Failed resolution won’t affect special talent admits

(From Left) Bubba Cunningham and Admissions Dean Steve Farmer discuss athletics at a Faculty Council meeting.

(From Left) Bubba Cunningham and Admissions Dean Steve Farmer discuss athletics at a Faculty Council meeting.

Jay Smith, a history professor, proposed the resolution in response to the publication of the Wainstein report in October 2014. Smith said the resolution was meant to establish a standard for the recruitment of student-athletes.

“It is just distressing to members of the athletic reform group that the faculty as a collective has not been able to muster the will to take a stand on an issue that was integral to the scandal,” Smith said.

“So we wanted the faculty to make a statement. More broadly, reflecting the reality of our scandal, we wanted the University to try to ensure that one of the causes of the scandal, namely the presence of unprepared students on the campus, would be eliminated.”

Smith said University admissions is an underaddressed cause of the scandal exposed in the Wainstein report.

“The University so far, in the handling of the scandal, has basically refused to acknowledge that the scandal really started in Jackson Hall, not Howell Hall,” Smith said. “It started with admissions policies that allowed a number of unprepared or underprepared athletes onto campus who then had to be taken care of with curricular shortcuts of various kinds.”

Beverly Taylor is an English professor and a voting member of the Advisory Committee on Undergraduate Admissions, where the Faculty Council referred Smith’s resolution in February. She said the committee recommended that the Faculty Council not pass the resolution because the current admissions process for students with special talents is effective.

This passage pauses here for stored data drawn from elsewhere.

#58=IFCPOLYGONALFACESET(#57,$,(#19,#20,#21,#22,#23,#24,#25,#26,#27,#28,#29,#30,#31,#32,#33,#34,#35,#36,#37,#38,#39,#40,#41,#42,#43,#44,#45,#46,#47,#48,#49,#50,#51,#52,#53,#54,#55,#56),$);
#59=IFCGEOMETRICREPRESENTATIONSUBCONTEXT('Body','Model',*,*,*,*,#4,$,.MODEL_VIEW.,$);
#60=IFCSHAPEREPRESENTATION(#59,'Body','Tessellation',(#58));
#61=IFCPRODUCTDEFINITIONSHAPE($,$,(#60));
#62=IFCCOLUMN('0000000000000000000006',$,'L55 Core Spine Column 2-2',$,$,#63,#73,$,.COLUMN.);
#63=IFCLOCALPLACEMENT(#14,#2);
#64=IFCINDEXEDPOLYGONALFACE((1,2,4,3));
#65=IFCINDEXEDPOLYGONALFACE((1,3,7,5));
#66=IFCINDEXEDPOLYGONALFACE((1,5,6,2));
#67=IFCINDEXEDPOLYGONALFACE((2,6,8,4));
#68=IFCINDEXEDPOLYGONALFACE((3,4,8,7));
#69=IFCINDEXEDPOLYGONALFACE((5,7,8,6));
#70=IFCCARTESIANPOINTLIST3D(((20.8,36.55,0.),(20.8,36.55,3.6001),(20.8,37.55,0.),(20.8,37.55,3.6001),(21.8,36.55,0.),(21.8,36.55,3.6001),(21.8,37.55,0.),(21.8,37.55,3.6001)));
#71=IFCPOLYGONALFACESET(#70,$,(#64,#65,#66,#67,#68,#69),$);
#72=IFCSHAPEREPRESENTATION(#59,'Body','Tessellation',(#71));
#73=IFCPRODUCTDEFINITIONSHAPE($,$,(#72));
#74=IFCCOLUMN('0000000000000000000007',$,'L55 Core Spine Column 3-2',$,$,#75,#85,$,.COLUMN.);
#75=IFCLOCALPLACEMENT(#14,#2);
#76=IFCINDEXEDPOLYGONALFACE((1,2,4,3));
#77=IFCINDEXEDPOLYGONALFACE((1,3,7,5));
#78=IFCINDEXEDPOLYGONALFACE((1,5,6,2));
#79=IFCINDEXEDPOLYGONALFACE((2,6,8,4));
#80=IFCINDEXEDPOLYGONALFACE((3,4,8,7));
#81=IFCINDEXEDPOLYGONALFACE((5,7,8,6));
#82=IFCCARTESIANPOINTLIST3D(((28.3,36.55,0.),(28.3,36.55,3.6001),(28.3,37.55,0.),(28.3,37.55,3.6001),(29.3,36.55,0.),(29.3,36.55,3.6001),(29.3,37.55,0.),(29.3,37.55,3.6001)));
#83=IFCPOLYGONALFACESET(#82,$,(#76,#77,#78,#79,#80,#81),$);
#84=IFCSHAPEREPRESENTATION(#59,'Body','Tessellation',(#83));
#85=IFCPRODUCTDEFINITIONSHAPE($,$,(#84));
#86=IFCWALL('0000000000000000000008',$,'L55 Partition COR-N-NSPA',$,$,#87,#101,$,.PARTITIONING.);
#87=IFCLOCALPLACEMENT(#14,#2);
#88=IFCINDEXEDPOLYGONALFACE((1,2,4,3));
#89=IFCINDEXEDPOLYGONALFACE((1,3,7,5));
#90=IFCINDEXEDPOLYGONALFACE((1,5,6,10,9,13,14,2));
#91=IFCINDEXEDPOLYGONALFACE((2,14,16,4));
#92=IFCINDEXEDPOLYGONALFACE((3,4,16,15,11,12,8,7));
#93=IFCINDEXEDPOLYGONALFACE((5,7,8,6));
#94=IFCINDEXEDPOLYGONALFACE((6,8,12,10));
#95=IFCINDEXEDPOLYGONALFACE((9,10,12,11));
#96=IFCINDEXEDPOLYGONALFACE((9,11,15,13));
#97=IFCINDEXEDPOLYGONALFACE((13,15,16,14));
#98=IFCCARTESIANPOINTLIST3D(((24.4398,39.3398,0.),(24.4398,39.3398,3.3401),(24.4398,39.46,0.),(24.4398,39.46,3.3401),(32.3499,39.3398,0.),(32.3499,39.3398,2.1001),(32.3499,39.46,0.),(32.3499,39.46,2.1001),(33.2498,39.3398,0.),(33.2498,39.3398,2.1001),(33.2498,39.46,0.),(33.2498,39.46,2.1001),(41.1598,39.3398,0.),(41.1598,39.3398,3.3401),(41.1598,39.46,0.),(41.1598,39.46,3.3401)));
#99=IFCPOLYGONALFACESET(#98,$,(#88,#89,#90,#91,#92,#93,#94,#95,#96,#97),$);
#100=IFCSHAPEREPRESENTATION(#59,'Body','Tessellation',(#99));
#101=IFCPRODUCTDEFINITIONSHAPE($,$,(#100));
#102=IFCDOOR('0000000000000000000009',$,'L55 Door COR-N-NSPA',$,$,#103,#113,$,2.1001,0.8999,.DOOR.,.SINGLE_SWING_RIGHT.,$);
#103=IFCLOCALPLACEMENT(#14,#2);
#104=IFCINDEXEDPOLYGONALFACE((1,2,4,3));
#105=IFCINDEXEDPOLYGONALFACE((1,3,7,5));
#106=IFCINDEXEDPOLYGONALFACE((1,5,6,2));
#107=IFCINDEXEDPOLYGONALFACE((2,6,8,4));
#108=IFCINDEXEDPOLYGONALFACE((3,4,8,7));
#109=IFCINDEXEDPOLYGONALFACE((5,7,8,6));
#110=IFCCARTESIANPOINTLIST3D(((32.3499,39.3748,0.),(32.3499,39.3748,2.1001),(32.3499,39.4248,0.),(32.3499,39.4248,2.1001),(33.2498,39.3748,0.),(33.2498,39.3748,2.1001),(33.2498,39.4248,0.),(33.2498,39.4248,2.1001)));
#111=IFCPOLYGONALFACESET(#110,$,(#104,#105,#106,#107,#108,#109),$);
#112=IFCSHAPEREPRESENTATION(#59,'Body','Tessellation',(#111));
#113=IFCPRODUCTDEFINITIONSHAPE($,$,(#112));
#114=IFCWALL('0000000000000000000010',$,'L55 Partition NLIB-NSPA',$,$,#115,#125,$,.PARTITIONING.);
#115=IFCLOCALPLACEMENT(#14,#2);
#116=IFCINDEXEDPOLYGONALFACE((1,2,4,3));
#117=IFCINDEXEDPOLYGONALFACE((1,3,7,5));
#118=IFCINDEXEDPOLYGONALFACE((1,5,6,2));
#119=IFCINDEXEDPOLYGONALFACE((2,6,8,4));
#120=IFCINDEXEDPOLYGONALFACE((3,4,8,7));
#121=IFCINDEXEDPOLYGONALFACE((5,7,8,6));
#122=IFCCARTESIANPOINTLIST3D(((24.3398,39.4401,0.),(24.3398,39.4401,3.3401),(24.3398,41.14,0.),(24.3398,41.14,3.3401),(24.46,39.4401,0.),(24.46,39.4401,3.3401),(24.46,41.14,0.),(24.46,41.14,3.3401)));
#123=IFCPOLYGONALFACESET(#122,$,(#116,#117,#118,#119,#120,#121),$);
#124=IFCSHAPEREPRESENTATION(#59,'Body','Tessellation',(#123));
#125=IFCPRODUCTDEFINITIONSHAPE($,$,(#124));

“I like the way our admissions policies are implemented by the Office of Undergraduate Admissions because they try to assess that both potentials — that can’t really be measured by a GPA, and I think they’re doing a splendid job,” she said.

Smith said the pressure to keep student-athletes eligible was what created curricular shortcuts. He said passing the resolution to end the admission of these students would have been a step in the right direction.

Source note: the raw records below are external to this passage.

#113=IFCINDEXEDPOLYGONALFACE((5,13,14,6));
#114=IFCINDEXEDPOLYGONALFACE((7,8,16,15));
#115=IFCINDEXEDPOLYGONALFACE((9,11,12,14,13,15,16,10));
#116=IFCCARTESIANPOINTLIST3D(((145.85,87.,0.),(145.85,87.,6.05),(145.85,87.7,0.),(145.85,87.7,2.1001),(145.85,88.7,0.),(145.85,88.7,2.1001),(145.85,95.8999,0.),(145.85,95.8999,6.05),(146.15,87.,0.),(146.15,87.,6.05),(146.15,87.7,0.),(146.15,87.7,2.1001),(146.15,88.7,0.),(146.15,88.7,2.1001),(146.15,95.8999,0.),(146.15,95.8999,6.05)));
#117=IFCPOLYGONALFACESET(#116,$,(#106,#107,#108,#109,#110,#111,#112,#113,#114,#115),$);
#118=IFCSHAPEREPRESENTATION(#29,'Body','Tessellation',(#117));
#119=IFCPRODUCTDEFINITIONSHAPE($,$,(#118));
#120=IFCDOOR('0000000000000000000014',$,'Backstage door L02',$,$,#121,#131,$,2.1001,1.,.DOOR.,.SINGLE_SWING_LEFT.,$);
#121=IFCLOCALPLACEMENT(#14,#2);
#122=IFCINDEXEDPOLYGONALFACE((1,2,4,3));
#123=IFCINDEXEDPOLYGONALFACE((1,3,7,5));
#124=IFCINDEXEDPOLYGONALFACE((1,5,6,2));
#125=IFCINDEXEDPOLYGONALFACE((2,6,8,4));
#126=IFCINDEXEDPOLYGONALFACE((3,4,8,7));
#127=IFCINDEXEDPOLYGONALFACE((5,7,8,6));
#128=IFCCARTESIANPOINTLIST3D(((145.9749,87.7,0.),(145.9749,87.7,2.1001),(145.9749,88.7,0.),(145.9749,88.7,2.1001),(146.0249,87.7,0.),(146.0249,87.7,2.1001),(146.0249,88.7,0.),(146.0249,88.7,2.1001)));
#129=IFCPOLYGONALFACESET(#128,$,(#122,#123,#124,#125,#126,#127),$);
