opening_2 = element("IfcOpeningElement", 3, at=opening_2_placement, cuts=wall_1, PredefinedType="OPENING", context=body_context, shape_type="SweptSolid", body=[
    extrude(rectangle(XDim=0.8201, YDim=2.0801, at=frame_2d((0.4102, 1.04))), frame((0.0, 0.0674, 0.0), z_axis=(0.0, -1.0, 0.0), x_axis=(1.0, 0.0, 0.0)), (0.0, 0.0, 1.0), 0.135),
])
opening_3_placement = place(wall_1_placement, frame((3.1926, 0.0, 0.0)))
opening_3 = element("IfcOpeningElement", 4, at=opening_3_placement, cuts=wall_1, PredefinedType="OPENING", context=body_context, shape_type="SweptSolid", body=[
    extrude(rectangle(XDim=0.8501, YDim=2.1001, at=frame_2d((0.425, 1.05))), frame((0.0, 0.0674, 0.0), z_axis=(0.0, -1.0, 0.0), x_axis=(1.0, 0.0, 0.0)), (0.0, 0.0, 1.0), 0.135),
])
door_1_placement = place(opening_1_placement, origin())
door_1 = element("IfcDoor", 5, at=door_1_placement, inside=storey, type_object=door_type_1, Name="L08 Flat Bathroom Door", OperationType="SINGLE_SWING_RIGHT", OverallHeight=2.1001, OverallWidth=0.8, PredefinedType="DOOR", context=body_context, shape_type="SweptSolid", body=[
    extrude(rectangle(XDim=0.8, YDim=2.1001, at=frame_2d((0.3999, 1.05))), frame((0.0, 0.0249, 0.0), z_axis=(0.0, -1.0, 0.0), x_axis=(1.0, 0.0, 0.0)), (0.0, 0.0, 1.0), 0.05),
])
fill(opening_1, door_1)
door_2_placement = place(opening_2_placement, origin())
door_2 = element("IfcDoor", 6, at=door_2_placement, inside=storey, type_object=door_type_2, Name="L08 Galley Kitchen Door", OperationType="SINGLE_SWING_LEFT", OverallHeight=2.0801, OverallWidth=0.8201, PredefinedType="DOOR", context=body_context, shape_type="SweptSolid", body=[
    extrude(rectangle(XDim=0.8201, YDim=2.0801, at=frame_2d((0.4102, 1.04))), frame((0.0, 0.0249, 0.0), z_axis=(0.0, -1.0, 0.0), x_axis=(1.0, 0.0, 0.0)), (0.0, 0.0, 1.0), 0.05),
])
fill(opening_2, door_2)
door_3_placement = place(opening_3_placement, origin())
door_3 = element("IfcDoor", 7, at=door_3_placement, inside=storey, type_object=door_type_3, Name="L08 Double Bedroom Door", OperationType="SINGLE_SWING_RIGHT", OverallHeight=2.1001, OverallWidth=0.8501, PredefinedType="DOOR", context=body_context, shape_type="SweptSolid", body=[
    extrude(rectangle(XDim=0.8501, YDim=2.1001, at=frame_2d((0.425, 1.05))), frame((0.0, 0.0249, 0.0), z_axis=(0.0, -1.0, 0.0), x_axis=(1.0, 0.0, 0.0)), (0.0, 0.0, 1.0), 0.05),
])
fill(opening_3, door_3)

“If these workarounds are not created to begin with you won’t have ... other students taking advantage of them,” he said. “Having reasonable minimum admissions standards is one way to guarantee that students are meeting the same basic expectations in the classroom.”

Taylor said the Office of Undergraduate Admissions and the Committee on Special Talent, who examines the admission of those expected to make below a 2.3 GPA their first semester, looks at students holistically.

In 2013 and 2014, the Committee on Special Talent reviewed and admitted 23 students. In the fall semester of 2015, 21 out of the 23 were academically eligible, and the median cumulative GPA was 2.3 for all 23 students.

Todd Taylor, chairperson of the Committee on Special Talent, said he did not support passing the resolution because the review process has been continuously improving.

“We look very carefully at every case and it’s real simple,” he said. “We’re looking for evidence that this student can succeed academically at UNC.”